I see a male and female in a car driving on the right side of a river.  Everything is light colored and maybe a little greyish.  He is driving.  They are heading toward a bridge up ahead on the left.  Over the bridge on the other side of the river is a town or city.  The buildings are not hugely tall...like NYC...but short.  Over the city is a huge white airplane.  It looks more like a blimp, balloon or a cloud in that it is just a shape.

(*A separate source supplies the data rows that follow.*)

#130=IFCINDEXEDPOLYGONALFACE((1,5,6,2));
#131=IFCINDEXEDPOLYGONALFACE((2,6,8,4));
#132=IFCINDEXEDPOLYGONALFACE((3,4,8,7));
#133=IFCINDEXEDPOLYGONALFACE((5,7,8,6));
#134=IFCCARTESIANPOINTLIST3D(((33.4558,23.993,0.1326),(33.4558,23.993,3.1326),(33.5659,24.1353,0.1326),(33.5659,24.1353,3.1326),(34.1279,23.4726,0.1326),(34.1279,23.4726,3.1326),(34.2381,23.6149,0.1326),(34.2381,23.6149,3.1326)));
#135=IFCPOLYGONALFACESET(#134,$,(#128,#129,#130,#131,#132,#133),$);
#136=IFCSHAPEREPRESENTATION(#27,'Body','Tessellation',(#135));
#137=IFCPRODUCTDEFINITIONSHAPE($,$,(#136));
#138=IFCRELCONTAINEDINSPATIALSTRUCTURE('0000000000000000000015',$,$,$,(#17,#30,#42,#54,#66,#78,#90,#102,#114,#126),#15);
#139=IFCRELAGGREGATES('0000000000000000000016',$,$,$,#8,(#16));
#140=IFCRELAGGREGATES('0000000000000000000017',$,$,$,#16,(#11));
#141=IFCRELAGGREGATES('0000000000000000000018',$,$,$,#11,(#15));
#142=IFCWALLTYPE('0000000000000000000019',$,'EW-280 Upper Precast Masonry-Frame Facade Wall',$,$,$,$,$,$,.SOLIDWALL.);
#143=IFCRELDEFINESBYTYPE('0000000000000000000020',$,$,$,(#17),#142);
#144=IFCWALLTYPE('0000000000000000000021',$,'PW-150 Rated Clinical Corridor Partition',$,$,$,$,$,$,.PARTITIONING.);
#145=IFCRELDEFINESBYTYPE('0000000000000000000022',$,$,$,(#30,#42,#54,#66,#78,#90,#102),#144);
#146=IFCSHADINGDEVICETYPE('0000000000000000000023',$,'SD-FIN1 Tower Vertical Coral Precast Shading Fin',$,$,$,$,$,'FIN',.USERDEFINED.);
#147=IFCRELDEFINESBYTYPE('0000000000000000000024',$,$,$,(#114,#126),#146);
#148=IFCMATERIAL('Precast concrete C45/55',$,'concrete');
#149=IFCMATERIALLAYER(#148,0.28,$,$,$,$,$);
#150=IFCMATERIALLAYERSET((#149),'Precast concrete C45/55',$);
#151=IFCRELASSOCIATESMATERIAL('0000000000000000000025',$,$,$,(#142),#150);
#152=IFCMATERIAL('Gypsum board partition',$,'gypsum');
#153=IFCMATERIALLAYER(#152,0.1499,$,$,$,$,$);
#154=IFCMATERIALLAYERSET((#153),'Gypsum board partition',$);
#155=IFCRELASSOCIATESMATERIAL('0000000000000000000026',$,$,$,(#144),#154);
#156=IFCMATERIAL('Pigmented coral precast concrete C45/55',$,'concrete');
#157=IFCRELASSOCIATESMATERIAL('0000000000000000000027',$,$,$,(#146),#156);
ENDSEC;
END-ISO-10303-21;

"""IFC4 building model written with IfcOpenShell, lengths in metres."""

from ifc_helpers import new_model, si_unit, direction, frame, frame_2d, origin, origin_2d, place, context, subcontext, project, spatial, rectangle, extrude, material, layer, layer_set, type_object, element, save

Next I see a Facebook post...maybe?...with a picture.  In the picture a white angel is standing next to someone sitting in a church pew.  The church and pew is dark and black.  The person sitting is white too.  The angel has it's right hand on the left shoulder of the person.  It is a beautiful image and very sad to me.

Underneath the picture is some black lettering...a list of numbered sins maybe...or a poem.

32
Dream Interpretation / Two Black Bodies
« on: September 15, 2015, 10:14:55 AM »
This was an image that almost looked like a statue.  Two black bodies, one facing left, one facing right.  The skin and flesh look like marble. They are each bent over backwards.  Their hands and feet are joined  In the middle of the space their bodies are making is the shape of an egg.  The one on the left might be female.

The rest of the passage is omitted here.